WHY CHINA PROPS UP PUTIN

This situation should be intolerable from a U.S. policymaker point of view.

Consider, after all, the vast economic and security benefits Europe has gained from its historic alliance with America. Yes, the United States has gained much from that alliance also. But alongside privileged trading relationships, the U.S. military security umbrella has been a de facto and very lucrative subsidy for Europe’s defense. Shared democratic security should matter to European leaders. So also should the fact that Europe’s great economic development since 1945 has only been made possible by the very same U.S-led democratic international order that Xi now seeks to dismantle.

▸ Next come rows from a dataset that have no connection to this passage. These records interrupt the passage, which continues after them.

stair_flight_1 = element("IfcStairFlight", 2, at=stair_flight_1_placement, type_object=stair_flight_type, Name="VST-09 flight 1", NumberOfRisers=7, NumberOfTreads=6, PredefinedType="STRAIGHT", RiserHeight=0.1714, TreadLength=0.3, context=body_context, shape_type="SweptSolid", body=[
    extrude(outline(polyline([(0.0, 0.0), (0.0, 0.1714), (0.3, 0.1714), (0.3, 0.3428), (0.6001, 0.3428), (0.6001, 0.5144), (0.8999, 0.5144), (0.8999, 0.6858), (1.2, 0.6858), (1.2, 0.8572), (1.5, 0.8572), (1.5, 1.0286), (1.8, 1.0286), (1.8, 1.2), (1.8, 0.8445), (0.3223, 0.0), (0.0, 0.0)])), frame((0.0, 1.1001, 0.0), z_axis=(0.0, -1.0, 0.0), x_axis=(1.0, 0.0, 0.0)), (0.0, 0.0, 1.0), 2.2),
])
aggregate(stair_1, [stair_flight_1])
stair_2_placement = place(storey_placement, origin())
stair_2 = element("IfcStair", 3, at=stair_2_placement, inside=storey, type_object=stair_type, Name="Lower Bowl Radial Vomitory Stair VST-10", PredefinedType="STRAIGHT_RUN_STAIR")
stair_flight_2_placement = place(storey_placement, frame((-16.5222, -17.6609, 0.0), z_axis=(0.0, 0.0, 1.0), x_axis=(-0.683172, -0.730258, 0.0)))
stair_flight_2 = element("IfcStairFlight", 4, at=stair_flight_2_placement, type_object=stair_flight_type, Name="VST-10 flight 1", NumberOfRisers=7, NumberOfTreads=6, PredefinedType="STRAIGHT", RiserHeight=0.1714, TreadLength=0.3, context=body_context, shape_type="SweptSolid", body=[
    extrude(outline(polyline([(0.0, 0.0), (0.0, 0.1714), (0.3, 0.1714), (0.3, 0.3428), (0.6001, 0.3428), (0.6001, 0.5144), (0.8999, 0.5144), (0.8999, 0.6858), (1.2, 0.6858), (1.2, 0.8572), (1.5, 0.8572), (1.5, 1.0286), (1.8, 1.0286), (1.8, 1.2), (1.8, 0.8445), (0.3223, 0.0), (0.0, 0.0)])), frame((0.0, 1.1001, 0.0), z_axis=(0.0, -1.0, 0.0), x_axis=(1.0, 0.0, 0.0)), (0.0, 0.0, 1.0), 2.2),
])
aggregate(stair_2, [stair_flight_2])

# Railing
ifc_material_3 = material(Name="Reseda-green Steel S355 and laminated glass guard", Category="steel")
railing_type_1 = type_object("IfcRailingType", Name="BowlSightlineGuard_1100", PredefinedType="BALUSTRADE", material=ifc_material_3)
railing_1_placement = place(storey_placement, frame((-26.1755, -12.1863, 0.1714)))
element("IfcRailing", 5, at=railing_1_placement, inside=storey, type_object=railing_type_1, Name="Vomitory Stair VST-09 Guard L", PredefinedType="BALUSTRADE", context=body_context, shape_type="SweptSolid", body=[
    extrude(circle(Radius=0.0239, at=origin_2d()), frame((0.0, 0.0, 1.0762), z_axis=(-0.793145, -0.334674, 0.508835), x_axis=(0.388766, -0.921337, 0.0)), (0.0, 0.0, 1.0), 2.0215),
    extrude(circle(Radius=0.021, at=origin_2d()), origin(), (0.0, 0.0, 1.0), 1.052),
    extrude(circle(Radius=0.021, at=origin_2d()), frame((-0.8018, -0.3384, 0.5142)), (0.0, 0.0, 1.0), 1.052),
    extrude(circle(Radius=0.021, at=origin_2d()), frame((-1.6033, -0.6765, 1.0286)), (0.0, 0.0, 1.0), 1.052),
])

To be fair, the Biden administration has a mixed record on China policy. Its multinational restrictions on chip exports and agreement of new U.S. military basing rights in the Philippines are the key positives. The administration’s suspension of the Justice Department’s China Initiative and inadequate restructuring of the U.S. military are its key negatives. But the Biden administration is wrong to give European allies a free pass on their undermining of U.S. interests. Those seeking to replace President Joe Biden should take a different approach. The next president must assess allies and associated diplomatic, economic, and security engagements with a laser-focused view to how they support U.S. interests with regards to China.

Do not misunderstand me. This is not a call to MAGA-style foreign policy transactionalism, the benefits of which are inevitably degraded by the insults and unreliability carried alongside. Nor is it a call to suspend NATO, which continues to serve U.S. interests (although the U.S. should prioritize NATO members that take burden sharing seriously). Instead, it is a call to a statecraft that adopts a more honest view of U.S. interests and needs. But anyone running to replace Biden should see that such a call is urgently needed.

It is utterly absurd, for example, that Spain should retain a significant U.S. military basing posture, always valuable to local economies, even though it is one of NATO’s very lowest-ranking members regarding defense burden sharing. Now the U.S. is supposed to say, “A-OK, Pedro,” as the Spanish prime minister kowtows to our preeminent adversary? So also should presidential contenders ask why French President Emmanuel Macron receives Biden’s hosting for state visits even as he puts China before France’s oldest ally. The AUKUS submarine deal offers Macron some legitimate grievances, and his recent defense pledges deserve praise. That said, Macron’s China policy looks like a clandestine coup de main against American interests.

Top line: European democracies have the right to pursue whatever foreign policy they deem in their national interest. But America has that same right and, vis-a-vis China’s challenge, an overriding need to act in kind. If European allies want to put China first, the next president should adjust U.S. policy in recognition of their diminished commitment to the U.S. alliance.